Season’s Workload Put You In Scrooge Mood? Lighten Up
by: Sonja Carberry, Investor’s Business, December 5, 2014

The most wonderful time of the year, or the most hectic? If jingle bells inspire panic, try these get-it-done tips:
- Find time. Workers have more spare minutes than they realize, according to a survey commissioned by office supplier Fellowes.
- Respondents reported "they waste two hours a day on disruptions and inefficiencies," said Laura Stack, author of "Execution IS the Strategy."
- Clam up. Stack's firm, Productivity Pro, conducts time management workshops for harried executives. A time Grinch that she cautions about is the conversational black hole. Of survey respondents, "53% said chatty co-workers disrupt their day," she told IBD.
- Know when to walk away from the water cooler.
- Shrink it. Plan shorter meetings. "It's amazing how time expands. If you schedule an hour, it takes an hour," Stack said.
- Try 30 minutes, and see if you can squeeze it all in.
- Shift. "We get in a productivity rut," said Stack.
- Try changing your normal routine. Instead of starting the day with email and social media, spend your first hour on urgent projects.
- Rise and shine. Mornings are more productive than afternoons, according to survey results.
- "Get in there and dive right in on your hardest task," Stack said. "It feels good to get something big knocked off your plate."
- Think speed. Nearly a third of office workers say that problems with office equipment drain minutes from their days. "Anytime you're thinking, 'Gosh, this is taking too long,'" figure out why, says Stack.
- Maybe a process needs tweaking, or an upgrade would add speed.
- Cut static. "I put my phone on airplane mode while I'm working," Stack said. It stops attention-shattering interruptions. "You have to be smart when you use these smart technologies."
- Increase discipline. Work at work. "People are tempted to do online shopping," Stack said. To keep personal and professional separate, limit perusing e-commerce sites to lunchtime and breaks.
- Avoid negativity. Grumbling about feeling frenzied this season won't help.
- "The most powerful way to deal with complaints is to turn them into requests," said Josselyne Herman-Saccio, a communication expert with training and employee development firm Landmark. Whining is wheel spinning. Making a request means taking positive steps.
"Remember, complaints produce burnout. Actions produce results," she said. - Make a list. Mentally tracking incomplete tasks saps energy. Recharge by writing them out.
"Get it on paper and out of your head," said Herman-Saccio. "Deal with each item by scheduling it, doing it or being clear that you will not be doing it."

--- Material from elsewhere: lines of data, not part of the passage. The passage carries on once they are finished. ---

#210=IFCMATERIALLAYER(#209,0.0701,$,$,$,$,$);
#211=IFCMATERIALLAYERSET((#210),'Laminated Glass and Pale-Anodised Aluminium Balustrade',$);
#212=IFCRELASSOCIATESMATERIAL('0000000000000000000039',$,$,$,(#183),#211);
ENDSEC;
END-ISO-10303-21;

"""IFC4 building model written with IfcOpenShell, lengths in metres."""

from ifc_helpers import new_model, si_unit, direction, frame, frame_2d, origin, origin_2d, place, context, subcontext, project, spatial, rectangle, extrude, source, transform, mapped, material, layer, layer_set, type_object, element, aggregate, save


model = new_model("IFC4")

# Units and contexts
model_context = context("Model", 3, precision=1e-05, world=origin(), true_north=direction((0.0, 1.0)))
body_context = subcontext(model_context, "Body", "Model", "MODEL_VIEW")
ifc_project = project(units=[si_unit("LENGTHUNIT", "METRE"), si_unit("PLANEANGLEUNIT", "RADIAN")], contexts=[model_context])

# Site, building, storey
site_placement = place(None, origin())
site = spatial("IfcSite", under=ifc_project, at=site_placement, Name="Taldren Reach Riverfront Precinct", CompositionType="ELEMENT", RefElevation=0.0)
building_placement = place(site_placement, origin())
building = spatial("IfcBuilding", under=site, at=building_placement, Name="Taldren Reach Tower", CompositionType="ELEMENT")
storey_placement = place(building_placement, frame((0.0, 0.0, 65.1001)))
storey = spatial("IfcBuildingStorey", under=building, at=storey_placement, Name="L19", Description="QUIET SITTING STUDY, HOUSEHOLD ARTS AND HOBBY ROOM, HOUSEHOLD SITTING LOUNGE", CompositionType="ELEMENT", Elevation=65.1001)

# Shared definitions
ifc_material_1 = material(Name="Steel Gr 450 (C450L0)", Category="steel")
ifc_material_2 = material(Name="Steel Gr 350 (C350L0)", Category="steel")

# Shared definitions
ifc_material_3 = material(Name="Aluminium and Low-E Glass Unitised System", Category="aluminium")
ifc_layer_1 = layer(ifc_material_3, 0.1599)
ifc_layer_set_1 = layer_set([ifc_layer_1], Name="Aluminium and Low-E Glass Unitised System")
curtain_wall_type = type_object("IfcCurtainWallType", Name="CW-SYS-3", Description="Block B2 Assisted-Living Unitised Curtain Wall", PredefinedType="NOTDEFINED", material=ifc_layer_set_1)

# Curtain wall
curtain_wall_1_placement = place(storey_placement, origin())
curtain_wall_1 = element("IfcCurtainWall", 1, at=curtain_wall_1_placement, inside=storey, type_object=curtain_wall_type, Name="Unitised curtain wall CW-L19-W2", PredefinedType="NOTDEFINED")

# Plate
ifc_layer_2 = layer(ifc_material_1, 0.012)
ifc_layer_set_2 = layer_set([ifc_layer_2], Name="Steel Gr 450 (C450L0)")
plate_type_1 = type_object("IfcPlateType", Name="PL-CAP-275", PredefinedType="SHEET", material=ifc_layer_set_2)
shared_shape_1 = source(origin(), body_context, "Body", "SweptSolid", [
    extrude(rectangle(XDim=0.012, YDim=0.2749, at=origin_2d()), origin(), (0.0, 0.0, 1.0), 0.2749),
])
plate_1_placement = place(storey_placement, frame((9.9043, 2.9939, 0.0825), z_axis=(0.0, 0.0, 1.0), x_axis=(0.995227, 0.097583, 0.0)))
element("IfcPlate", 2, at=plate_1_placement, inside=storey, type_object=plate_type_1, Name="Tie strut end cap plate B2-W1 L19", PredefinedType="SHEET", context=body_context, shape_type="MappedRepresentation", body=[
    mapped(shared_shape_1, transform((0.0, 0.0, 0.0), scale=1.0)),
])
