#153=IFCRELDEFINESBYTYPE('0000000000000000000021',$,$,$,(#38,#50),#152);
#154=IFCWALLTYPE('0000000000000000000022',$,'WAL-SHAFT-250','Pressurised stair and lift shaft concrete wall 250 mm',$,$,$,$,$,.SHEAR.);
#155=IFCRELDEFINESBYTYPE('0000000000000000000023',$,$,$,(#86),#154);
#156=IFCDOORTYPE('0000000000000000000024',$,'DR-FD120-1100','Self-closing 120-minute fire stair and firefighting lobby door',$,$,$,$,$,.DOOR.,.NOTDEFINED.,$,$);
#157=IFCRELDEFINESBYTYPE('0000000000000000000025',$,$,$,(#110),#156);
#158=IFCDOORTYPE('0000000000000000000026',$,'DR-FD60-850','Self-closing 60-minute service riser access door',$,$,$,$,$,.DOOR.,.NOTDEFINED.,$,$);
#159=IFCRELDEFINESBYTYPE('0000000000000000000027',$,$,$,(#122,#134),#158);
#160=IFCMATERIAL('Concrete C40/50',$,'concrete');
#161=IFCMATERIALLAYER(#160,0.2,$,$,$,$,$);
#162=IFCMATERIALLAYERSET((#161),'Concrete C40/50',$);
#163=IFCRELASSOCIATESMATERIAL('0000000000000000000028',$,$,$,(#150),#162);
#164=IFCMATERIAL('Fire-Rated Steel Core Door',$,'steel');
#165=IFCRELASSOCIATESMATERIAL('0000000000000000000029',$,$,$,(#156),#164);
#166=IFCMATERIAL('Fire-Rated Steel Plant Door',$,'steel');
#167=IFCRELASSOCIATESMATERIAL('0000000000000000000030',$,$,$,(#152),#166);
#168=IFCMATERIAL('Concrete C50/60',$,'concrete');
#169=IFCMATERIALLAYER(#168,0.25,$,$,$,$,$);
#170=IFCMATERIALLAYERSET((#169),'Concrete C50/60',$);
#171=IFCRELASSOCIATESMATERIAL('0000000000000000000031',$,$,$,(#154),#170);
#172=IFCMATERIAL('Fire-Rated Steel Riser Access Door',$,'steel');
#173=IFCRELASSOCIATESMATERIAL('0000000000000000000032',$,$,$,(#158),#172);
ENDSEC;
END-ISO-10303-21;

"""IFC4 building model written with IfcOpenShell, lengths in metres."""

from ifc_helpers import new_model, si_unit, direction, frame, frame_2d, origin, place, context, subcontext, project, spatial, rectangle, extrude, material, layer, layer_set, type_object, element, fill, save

- Take a lead. Managers can lift an office's mood just by acknowledging the hectic season.
- "In the spirit of servant leadership, ask: 'Is there anything I can do to make your life easier?'" said Palmer Hartl, author of "The Ten Commandments of Management." Encourage team members to look for ways to pull together.
- Turn them down. Learn to say no when necessary. "People's lives are better when they know how to set limits," Hartl said.
- Weigh traditions. "I wonder about the wisdom of holiday office parties," Hartl said.
- Some feel it's just another seasonal obligation. If time is tight for all, consider having a January celebration.
Let workers weigh in before making such a change.
"Let's put it to the group," he said.